«Всякая политическая подкладка будет с его стороны абсолютно исключена. Я считаю, что это для всех очень интересно и крайне важно. Убежден, что он талантлив и нужен именно сейчас, завтра будет уже, может быть, поздно. […] Единственный возмущенный, конечно, Валечка, который рвет и мечет против – но что же делать? – такие люди, как он и Павка, милы, но если их слушать – лучше прямо отправляться на кладбище»20
.В конце 1928 года Дягилев определенно не устал от жизни и все еще был готов вступать в дискуссии на тему своих новых планов, хотя и стал более подвержен смене настроений и все чаще избегал общения с близкими друзьями.
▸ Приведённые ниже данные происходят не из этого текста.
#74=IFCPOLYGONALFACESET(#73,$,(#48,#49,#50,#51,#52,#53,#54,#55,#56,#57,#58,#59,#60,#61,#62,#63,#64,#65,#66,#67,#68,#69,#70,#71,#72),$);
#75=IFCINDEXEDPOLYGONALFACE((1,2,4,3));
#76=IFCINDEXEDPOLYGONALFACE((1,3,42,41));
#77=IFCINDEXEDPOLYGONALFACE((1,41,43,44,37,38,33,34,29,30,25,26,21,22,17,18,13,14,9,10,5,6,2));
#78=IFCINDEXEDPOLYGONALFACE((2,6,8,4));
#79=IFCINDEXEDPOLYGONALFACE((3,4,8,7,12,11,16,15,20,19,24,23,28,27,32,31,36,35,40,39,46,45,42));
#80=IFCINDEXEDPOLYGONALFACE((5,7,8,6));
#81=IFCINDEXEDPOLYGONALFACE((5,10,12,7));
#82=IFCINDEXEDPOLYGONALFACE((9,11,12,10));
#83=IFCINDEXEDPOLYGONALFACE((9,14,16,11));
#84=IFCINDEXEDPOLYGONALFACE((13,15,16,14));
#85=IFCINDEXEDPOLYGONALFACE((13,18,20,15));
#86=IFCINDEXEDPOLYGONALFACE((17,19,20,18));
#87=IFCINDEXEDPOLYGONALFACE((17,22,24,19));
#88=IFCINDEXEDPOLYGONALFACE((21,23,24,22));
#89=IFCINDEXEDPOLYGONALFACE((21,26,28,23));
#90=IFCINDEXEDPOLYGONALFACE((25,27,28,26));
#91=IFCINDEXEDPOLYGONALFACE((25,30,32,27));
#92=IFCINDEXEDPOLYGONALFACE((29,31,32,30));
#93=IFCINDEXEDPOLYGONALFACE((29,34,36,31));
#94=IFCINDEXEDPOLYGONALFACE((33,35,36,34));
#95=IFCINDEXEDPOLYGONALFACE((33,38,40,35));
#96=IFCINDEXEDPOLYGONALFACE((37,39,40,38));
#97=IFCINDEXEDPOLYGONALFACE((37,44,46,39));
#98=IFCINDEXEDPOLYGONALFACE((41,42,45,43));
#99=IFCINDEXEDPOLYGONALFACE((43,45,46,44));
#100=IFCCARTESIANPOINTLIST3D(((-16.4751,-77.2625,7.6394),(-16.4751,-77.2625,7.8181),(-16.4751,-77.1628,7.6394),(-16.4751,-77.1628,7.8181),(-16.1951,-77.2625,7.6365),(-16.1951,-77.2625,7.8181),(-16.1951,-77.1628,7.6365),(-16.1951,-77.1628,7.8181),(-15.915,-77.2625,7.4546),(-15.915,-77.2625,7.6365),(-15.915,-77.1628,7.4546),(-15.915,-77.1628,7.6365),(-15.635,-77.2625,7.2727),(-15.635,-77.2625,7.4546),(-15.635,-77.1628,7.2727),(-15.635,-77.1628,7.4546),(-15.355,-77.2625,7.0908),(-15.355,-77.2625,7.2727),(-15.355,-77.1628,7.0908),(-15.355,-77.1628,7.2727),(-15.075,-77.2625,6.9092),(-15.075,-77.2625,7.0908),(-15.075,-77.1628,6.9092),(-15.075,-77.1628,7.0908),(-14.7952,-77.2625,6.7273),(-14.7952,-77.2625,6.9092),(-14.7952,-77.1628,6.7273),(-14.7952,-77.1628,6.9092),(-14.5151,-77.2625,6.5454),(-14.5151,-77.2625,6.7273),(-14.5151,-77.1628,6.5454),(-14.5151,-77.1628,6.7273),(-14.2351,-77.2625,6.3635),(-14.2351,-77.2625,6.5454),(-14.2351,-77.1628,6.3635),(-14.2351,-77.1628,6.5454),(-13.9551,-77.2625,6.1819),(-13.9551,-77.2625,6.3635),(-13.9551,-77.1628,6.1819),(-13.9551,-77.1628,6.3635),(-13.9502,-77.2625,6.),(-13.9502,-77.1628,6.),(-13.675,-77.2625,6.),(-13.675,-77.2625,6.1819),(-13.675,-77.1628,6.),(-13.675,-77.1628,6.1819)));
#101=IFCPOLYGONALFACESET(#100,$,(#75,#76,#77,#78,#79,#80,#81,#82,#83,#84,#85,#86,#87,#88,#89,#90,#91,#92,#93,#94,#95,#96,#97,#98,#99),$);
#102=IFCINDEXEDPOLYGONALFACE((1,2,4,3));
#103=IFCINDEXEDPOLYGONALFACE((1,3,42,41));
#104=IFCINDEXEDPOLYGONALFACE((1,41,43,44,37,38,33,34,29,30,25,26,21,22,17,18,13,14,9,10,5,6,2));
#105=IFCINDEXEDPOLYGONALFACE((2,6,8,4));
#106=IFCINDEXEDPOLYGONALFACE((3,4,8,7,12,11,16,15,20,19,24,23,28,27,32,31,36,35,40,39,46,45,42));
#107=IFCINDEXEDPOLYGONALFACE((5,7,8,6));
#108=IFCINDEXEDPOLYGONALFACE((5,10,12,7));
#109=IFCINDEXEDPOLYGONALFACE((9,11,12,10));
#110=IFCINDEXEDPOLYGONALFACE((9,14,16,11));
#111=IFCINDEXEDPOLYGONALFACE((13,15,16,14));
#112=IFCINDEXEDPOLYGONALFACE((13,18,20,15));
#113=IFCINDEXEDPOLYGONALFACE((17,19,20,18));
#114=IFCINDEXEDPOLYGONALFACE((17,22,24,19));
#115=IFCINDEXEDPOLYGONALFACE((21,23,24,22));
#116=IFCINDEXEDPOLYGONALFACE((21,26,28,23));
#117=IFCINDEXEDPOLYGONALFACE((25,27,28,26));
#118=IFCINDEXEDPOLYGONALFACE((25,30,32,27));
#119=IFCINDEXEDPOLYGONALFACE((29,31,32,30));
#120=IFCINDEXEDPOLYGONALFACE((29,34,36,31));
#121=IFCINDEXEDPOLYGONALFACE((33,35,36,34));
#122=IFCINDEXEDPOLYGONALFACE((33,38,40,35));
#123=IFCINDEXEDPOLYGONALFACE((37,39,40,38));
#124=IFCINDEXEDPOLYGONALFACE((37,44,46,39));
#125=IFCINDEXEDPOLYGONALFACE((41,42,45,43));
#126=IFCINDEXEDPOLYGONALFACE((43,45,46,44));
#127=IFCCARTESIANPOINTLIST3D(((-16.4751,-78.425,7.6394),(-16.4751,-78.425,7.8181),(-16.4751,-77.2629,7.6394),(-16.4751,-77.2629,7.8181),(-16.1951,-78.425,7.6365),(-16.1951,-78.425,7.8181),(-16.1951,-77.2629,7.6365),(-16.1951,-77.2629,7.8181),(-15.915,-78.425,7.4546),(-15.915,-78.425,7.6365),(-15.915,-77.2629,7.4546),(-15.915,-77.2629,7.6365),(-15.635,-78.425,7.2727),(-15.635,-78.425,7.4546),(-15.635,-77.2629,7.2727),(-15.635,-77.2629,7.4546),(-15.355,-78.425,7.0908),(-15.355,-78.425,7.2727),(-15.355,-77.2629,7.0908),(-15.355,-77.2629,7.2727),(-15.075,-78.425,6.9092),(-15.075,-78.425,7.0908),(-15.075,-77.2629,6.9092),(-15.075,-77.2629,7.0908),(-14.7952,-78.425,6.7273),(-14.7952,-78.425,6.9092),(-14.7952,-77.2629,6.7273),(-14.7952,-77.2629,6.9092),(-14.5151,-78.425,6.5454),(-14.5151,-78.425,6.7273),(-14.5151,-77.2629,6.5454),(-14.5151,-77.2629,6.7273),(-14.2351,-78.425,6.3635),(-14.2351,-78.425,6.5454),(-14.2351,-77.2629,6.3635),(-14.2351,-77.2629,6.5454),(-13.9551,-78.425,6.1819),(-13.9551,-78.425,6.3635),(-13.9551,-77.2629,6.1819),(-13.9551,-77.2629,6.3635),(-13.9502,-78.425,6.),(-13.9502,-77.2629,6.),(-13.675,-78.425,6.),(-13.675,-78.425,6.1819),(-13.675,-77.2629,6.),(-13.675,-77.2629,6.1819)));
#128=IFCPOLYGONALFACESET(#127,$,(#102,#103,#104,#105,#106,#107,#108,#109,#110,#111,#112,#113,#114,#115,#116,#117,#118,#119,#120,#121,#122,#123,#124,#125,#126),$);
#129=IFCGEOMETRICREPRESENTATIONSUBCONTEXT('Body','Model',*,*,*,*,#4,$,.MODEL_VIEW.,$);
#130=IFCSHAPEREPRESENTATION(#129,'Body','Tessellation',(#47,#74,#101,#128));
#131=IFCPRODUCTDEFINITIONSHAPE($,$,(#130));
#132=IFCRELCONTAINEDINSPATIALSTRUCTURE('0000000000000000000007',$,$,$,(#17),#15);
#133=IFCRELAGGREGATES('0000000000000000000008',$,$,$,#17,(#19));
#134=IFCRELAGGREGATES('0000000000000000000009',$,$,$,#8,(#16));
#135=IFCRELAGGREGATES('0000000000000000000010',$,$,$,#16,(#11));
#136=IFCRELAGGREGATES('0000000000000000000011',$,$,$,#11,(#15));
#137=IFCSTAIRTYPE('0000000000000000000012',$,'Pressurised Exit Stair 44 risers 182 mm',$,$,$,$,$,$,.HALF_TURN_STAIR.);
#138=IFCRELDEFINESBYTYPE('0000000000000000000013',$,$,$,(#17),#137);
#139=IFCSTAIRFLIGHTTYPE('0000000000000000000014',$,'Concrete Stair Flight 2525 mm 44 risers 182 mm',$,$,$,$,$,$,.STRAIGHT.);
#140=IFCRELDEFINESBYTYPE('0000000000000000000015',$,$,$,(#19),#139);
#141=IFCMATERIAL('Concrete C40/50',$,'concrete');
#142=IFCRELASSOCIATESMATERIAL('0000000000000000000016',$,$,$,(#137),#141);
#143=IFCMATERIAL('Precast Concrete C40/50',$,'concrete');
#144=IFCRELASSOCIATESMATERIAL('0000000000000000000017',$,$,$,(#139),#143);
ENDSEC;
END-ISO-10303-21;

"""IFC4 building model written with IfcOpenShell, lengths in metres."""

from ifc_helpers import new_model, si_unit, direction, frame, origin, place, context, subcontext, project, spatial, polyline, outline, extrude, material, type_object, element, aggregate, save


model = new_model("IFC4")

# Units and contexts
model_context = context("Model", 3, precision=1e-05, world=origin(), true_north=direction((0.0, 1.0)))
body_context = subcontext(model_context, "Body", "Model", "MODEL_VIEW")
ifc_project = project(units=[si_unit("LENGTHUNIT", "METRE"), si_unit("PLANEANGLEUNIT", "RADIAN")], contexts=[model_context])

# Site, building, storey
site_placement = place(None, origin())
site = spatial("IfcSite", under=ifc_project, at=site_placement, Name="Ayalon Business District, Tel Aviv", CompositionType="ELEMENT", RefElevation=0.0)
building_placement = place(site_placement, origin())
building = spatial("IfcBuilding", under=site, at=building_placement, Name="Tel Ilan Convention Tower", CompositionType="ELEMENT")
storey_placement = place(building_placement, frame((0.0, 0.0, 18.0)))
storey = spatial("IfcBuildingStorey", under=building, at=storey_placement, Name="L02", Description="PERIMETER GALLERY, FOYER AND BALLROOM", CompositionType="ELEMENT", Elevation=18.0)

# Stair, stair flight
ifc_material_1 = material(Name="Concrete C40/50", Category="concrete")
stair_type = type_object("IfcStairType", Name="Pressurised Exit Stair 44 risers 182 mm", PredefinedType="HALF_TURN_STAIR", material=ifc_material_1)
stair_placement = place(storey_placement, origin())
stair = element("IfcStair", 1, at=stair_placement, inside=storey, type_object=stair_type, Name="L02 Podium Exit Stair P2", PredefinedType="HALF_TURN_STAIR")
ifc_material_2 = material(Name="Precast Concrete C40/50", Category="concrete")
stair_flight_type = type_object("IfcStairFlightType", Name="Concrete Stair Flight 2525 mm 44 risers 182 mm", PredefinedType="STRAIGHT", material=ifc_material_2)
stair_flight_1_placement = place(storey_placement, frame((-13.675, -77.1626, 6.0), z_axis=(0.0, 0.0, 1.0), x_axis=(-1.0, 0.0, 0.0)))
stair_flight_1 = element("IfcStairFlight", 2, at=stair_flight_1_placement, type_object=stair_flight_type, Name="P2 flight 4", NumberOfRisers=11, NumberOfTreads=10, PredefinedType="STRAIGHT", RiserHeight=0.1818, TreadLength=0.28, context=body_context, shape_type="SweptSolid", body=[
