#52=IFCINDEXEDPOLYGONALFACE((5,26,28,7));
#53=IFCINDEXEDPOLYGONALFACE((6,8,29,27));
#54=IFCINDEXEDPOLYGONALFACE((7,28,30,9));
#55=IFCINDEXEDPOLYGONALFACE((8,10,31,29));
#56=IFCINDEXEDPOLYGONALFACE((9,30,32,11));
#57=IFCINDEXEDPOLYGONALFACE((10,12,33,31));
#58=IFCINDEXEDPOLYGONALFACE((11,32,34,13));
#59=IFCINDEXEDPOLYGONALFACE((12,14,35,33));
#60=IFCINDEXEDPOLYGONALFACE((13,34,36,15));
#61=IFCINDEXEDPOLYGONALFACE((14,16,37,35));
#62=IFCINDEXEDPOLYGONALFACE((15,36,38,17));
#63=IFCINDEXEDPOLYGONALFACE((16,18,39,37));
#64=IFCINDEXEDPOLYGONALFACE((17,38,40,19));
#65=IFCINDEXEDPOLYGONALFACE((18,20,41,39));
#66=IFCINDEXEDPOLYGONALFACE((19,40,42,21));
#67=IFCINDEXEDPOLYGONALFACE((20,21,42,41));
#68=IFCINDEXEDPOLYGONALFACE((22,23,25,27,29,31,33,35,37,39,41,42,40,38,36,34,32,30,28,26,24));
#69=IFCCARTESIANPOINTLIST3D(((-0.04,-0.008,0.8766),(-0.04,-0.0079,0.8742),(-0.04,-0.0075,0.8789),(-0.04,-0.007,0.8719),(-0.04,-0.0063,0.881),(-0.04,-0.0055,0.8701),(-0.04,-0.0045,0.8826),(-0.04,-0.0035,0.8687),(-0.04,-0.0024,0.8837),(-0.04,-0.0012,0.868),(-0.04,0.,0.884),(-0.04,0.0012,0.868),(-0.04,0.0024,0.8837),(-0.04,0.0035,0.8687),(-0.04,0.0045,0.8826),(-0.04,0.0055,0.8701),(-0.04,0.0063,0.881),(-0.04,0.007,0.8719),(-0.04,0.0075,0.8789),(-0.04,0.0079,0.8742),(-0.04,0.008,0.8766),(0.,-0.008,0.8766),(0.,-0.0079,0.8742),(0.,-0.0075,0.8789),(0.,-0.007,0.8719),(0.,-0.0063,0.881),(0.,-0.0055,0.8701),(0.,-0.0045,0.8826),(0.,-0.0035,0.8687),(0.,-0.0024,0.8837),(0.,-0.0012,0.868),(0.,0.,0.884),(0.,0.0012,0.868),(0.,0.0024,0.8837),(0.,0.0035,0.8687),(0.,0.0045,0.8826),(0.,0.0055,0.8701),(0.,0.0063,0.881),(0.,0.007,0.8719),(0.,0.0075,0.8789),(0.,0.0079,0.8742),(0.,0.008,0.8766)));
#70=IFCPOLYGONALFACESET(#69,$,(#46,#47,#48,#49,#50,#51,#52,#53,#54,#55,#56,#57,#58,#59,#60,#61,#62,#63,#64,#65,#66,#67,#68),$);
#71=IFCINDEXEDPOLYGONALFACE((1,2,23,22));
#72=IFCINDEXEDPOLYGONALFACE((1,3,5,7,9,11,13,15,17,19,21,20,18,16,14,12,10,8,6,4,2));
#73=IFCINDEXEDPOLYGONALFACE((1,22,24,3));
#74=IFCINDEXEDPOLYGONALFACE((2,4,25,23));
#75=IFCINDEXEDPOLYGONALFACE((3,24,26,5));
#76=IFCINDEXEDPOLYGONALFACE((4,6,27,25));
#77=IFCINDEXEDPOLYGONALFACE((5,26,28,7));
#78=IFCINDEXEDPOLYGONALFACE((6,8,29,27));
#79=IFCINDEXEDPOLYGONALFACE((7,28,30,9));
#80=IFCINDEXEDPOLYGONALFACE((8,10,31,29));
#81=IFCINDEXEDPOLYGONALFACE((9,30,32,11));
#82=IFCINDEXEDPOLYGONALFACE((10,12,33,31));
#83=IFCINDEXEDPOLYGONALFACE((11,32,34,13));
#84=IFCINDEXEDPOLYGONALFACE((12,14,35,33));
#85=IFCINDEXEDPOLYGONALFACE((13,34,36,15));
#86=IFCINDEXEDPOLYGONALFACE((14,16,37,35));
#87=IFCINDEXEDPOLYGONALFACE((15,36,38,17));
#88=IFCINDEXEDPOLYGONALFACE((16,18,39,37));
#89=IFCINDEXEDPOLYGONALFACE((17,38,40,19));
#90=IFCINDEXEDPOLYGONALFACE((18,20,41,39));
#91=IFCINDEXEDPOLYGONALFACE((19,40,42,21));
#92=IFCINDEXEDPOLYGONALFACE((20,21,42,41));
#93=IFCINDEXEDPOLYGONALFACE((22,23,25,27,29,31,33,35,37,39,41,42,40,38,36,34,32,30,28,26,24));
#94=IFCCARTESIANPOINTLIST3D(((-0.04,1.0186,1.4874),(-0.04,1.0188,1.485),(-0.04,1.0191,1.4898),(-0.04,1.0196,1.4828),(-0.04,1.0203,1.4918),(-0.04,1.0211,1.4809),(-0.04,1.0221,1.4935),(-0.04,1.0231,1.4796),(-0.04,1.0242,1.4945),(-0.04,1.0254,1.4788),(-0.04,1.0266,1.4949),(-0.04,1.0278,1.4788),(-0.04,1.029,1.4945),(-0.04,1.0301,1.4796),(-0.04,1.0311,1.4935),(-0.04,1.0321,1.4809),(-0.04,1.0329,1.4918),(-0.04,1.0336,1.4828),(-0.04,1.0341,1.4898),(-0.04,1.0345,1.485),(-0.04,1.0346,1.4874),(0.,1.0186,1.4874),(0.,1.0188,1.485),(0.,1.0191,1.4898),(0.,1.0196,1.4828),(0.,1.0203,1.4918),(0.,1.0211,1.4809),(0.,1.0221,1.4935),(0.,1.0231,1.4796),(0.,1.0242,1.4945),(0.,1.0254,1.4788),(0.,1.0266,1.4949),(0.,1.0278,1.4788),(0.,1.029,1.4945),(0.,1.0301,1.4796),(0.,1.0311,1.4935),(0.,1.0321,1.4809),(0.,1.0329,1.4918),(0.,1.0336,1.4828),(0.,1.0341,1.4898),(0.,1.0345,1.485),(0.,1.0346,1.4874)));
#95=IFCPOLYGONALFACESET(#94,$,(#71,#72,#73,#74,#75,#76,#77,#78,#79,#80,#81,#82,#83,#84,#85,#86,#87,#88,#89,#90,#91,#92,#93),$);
Вероятно, именно очередной приступ раздражения стал причиной поступка Дягилева, совершенного им по глупости или даже из мести и не принесшего ему ничего, кроме ссоры с наиболее почитаемым мастером в его окружении. Осенью 1928 года (или, возможно, весной 1929 года) Дягилев вдруг решил сократить балет Стравинского «Аполлон Мусагет», точнее сказать, вырезать так называемую «вариацию Терпсихоры». Пристрастие Дягилева к собственноручному «усовершенствованию» чужой интеллектуальной собственности было известно, однако ранее он так поступал с партитурами лишь умерших композиторов (если не считать Римского-Корсакова). Его раздражало то, что Стравинский начал сотрудничать с Рубинштейн, а также то, что композитор занимал все более независимое положение. По сути, «Свадебка» была последним балетом Стравинского, на который Дягилев оказал творческое влияние. Он прекрасно понимал, что автор довольно быстро узнает о внесенных изменениях в его сочинение и что он будет в ярости, но это не остановило Дягилева, или – что вполне вписывается в канву его отношений с близкими друзьями – он сознательно стремился подстегнуть и обострить конфликт.
Однако, похоже, Стравинский к концу года все еще не знал об этом. «Русские балеты» дали несколько представлений в Гранд-опера в Париже, а 27 декабря по приглашению Дягилева на балете «Петрушка» присутствовал страдавший от душевной болезни Нижинский. Это уже происходило пятью годами ранее, и, как и в предыдущий раз, это было душераздирающее зрелище. Карсавина, которой между тем уже исполнилось сорок четыре года и которая больше не могла танцевать на должном уровне, вновь исполняла главную женскую партию. В зале присутствовал Гарри Кесслер, который вел переговоры с Дягилевым о постановке нового балета на этот раз на музыку Курта Вайля. Кесслер поначалу не поверил, что человек, поддерживаемый Дягилевым под руку, был Нижинским. Сергей попросил Кесслера помочь ему: «Чтобы преодолеть три этажа вниз по лестнице, он [Дягилев] попросил меня взять его [Нижинского] под другую руку, потому что тот, кто раньше, казалось, мог перепрыгнуть через целые дома, теперь спускался неуверенно и боязливо, осторожно ступая с одной ступеньки на другую. Лишенный разума, но бесконечно трогательный, он смотрел на меня своими большими глазами, словно больной зверь»21
. По словам Дягилева, после представления Нижинский не хотел покидать театр. Вечером, как в былые времена, был устроен праздничный ужин в кафе «Де ля Пэ», где присутствовали Тамара Карсавина, Мисиа Серт, Эдуард Гордон Крэг и Гарри Кесслер, но атмосфера была напряженной.На этом ужине присутствовала и новая личность в дягилевском окружении: Игорь Маркевич, шестнадцатилетний музыкант и композитор, ученик Нади Буланже, которого представили Дягилеву, возможно, той же осенью. Впервые за несколько лет Дягилев вновь был влюблен и планировал открыть для юноши двери в мир искусства, как он это делал для всех своих возлюбленных. Появление Маркевича было одним из немногих светлых моментов в том мрачном для Дягилева году.